Elf od zawsze był zdania, że krasnoludzki byt można porównać do połączenia dwóch rzeczy. Mianowicie: kolonii szalonych kretów i wiejskiego festynu. W przypadku tego drugiego chodziło konkretnie o moment, kiedy całe wydarzenie wymykało się spod kontroli, czyli około piątej minuty. W efekcie dawało to chaotyczną mieszaninę bójek, rycia w ziemi, pijaństwa oraz spożywania potraw wszelakich. A co za tym idzie, nadmiernego ich wydalania.
Dlatego też nie zdziwił się zbytnio, kiedy po odzyskaniu węchu zlokalizował kolejny już klozet. Trudno było mówić o pomyłce. Woń sprawiała, że wolał już aby w jego nosie złożono całopalną ofiarę ze sprzedawcy starych serów. O stanie kanalizacji wspomnianej rasy krążyły już legendy. Tkwiący tam przerób miał już wykształcić własną inteligencję, a ostatnio nawet wydać pierwszą książkę. Co prawda były w niej zawarte tylko określenia na gnojówkę i siarkowe wyziewy, ale od czegoś należało zacząć.

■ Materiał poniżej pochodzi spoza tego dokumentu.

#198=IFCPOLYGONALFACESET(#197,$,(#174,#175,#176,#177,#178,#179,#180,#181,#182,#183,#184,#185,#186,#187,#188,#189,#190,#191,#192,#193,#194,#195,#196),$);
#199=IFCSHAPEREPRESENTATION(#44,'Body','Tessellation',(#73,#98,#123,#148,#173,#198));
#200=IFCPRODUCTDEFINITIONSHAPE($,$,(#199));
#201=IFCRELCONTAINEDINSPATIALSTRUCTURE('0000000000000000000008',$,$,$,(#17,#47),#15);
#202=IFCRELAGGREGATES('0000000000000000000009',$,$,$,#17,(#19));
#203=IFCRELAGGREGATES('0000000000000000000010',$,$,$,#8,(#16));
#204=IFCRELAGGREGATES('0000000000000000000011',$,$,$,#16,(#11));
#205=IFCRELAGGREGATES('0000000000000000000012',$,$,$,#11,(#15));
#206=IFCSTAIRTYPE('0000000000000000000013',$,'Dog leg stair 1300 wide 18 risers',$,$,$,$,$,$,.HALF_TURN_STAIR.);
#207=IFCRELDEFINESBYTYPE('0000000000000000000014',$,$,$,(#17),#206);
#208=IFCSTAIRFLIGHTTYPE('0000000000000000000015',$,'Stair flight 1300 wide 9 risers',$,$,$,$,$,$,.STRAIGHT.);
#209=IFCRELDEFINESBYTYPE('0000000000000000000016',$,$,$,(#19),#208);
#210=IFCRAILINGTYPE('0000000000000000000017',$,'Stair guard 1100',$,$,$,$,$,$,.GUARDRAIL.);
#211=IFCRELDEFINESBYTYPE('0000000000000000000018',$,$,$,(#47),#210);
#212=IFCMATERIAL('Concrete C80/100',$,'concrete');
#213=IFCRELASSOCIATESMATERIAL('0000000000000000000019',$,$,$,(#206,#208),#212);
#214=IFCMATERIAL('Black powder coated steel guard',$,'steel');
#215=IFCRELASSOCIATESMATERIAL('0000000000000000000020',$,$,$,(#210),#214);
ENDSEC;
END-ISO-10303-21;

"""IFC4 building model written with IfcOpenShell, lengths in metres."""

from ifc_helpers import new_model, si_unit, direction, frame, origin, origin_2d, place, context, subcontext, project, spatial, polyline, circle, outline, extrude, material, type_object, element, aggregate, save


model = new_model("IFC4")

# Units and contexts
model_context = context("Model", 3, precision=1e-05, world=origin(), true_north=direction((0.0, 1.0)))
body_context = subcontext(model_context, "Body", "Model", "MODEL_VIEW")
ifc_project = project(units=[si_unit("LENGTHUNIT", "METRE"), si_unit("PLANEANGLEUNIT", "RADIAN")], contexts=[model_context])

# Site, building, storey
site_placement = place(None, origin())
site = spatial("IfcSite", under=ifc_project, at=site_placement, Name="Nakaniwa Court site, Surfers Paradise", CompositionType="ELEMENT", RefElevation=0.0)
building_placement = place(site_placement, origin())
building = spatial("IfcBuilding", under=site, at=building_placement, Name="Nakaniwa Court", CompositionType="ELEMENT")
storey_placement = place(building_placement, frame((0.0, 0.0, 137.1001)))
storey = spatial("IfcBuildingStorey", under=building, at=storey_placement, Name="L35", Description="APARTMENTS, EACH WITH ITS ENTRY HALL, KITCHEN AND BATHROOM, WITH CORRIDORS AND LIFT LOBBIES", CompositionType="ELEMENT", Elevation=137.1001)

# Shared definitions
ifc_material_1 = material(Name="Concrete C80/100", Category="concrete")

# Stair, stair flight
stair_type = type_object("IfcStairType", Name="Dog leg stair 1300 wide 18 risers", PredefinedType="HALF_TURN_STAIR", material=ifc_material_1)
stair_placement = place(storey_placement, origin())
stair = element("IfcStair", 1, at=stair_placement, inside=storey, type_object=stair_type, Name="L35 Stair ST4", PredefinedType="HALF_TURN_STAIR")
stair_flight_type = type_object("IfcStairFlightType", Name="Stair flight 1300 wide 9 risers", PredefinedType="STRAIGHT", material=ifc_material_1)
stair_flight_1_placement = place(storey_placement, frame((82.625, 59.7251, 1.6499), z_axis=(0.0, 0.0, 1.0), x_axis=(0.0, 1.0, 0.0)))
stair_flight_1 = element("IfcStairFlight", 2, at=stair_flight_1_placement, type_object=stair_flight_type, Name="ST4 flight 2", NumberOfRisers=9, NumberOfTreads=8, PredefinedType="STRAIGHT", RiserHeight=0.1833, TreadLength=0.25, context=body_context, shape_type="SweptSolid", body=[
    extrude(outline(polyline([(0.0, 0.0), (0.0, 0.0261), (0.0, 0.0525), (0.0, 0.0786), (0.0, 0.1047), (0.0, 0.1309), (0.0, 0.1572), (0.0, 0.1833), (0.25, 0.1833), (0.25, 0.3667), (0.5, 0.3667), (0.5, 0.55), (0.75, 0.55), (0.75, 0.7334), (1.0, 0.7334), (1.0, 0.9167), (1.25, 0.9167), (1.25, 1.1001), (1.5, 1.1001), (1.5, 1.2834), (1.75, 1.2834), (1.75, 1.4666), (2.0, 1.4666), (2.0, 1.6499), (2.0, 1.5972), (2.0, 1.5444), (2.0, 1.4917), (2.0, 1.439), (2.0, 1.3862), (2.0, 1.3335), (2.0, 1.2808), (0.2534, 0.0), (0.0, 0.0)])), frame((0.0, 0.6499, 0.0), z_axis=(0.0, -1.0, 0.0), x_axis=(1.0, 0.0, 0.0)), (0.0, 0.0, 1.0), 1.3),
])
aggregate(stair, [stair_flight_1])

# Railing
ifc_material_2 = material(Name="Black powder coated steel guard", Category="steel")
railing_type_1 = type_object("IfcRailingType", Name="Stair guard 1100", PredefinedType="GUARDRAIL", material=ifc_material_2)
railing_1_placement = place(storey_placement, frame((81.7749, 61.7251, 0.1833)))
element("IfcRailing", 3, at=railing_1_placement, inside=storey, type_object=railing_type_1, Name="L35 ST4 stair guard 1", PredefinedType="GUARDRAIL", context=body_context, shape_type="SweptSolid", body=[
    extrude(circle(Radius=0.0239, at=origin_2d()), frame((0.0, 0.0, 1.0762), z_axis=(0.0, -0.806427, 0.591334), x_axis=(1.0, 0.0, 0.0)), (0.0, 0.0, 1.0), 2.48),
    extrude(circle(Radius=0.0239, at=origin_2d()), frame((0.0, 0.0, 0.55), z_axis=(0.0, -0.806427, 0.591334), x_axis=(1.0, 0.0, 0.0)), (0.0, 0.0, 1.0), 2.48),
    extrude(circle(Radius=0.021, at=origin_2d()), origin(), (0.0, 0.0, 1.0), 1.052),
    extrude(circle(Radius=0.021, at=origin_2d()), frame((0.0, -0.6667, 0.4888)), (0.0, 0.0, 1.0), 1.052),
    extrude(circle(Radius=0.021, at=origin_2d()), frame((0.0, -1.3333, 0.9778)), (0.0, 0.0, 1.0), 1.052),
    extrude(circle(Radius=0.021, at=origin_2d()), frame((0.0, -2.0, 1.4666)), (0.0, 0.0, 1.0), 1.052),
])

W każdym razie wyglądało na to, że drużyna musiała tam właśnie zawitać. Partridge nachylił się nad otworem, a przez jego twarz przebiegł grymas porównywalny do gniewu urzędnika, któremu nie dostarczono na czas właściwego formularza.
- Filozof powiedział: kiedy spoglądasz w otchłań, ona również patrzy na ciebie. Dobrze, że niewiele widzę, bo przysiągłbym że tam serio coś na mnie łypie.
Nie mieli jednak większego wyboru. Wróg zbliżał się, a wraz z nim perspektywa ujrzenia własnej okrężnicy. Jeśli chodziło o towarzyszy - Silverballs nie bardzo rozumiał co właściwie zaszło w zwojach mózgowych Wirkucipałka oraz jakie akrobacje czynił swoim ozorem. Ah, czemu los nie zesłał im ogorzałego berserkera z dwuręcznym toporem w dłoni? Ze swoim zapasem szczęścia zadowoliłby się nawet beznogim weteranem.
Zgodnie z planem Zbyszka, wskoczył do środka jako ostatni. Jednocześnie wykoncypował pewien mały dodatek do planu. Trzeba wiedzieć bowiem, że bujna fryzura Partridge’a widziała środki czyszczące jeszcze w Erze Herosów*. Na szybko postanowił więc zrobić użytek z ilości łoju, który zdążył sobie wyhodować. Niniejszym zamiótł majestatycznie grzywą, wtrącając smalcopodobną maź. Miała ona zmniejszyć tarcie ciał wobec samej muszli (woda w krasnoludzkich przybytkach posiadała zazwyczaj konsystencję płynnego betonu). Potem już tylko pociągnął za spłuczkę i zdążył pomyśleć:
- Gorzej chyba nie będzie.
Ale kogo tak naprawdę oszukiwał?
* Tak naprawdę nie wiadomo kiedy ta era miała miejsce i co za herosi w niej występowali. Kronikarze już dawno zauważyli, że na potrzeby dostatecznie odległych lat można wymyślać dowolne nazwy: Okres Wielkiej Wojny, Czas Wzmożonej Czujności, Epoka Burzy i Miecza. Nikt tego nie weryfikował.